Plus we're current in a global COOLING period. They all like to kind of ignore that, or talk there way out of it.
This whole damn thing with global warming has turned into another Democrat vs. Republican battle, which pretty much tells me, IT'S ALL BULLSHIT.
Re: EPA's Inconvenient Truth?
If you want some good reading from the other side of the fence, I recommend Michael Crichton's "State of Fear". Its a fiction novel, but he throws in a shitload of real world facts and figures to make the case that global warming is just a myth.
- mickronson
- Rep: 118
Re: EPA's Inconvenient Truth?
How can we be in a global cooling period when ice shelves the size of small countries are melting and breaking away due the temperature going UP there. Well thats where the big hole in the ozone is afterall, and thats the one part of the world we DONT want warming up.

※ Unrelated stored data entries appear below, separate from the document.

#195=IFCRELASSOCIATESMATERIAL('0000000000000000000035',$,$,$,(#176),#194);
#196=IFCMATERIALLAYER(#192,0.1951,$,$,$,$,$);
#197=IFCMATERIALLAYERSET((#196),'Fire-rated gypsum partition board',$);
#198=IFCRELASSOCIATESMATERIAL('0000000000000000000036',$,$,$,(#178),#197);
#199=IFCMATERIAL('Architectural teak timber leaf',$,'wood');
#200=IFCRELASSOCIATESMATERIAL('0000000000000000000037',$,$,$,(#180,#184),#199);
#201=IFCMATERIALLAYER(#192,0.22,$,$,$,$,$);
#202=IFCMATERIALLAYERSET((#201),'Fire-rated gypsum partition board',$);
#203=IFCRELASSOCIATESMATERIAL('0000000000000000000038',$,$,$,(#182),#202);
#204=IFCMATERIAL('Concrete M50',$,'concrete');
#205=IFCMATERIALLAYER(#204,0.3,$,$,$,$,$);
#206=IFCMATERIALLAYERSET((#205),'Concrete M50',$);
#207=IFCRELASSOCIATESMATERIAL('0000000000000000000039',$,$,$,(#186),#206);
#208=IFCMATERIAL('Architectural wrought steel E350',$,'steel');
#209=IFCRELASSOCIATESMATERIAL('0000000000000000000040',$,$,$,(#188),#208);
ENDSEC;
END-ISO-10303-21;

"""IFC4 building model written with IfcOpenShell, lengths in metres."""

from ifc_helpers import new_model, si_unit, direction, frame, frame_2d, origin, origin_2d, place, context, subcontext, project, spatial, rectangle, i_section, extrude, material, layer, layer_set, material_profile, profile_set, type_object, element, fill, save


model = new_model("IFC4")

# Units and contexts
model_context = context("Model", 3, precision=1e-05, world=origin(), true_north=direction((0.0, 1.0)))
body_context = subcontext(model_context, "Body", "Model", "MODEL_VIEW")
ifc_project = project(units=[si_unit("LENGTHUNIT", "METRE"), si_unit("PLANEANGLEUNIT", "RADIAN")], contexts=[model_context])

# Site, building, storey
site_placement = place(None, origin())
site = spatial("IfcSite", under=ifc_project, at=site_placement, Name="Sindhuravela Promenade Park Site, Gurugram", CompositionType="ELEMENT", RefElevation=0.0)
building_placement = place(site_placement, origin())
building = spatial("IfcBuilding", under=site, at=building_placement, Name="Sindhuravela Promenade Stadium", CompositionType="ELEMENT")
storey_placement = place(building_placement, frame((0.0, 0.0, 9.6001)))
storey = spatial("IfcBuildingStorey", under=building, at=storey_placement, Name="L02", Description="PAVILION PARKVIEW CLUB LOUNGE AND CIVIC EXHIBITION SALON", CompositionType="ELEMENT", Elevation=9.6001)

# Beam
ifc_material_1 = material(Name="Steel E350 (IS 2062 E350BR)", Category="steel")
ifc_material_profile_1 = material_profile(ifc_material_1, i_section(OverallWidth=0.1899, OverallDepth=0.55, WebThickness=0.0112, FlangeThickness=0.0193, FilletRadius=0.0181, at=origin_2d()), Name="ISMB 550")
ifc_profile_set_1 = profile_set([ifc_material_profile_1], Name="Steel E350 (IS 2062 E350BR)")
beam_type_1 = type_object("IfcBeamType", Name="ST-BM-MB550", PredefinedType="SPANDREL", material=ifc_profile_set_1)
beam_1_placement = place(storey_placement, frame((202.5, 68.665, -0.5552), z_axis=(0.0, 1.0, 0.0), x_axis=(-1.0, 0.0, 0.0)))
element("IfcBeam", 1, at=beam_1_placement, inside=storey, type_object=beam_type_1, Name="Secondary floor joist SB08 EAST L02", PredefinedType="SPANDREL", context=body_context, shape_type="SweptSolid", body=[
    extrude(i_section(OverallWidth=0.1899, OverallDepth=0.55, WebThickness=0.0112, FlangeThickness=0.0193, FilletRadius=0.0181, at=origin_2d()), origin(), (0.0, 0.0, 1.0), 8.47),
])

At the end of the day, regardless of what we think we know and what might happen, we are dirty and lazy and there isnt anyone with an argument to justify that way of thinking I could listen to.
Re: EPA's Inconvenient Truth?
Some scientists believe that solar flares, which should become more frequent the closer we get to 2012, that typically global cooling, some even believe Ice Age's, follow those.
Others have noted the fact that the Earth's temperature has lowered in the past decade, something global warming folks conviently skip over.
NASA did a study awhile back that blamed the regulation on coal emissions in the world, which had some component in it that allowed to keep the Earth cool, man made, enviromentalists have imposed such strict regulations to cut back on those emissions, and that's led to global warming over the past many decades.
I mean, it's all over the place.
Re: EPA's Inconvenient Truth?
Mick, warming periods are usually what happens right before a major ice age. Guess where all that ice melting is gonna reform at? The entire continent of Europe and other locations.
We simply don't know enough one way or the other. The sun is currently in a strange cycle and the entire solar system is actually heating up. I doubt the exhaust fumes coming from my car are causing storms larger than our planet on Jupiter to evaporate.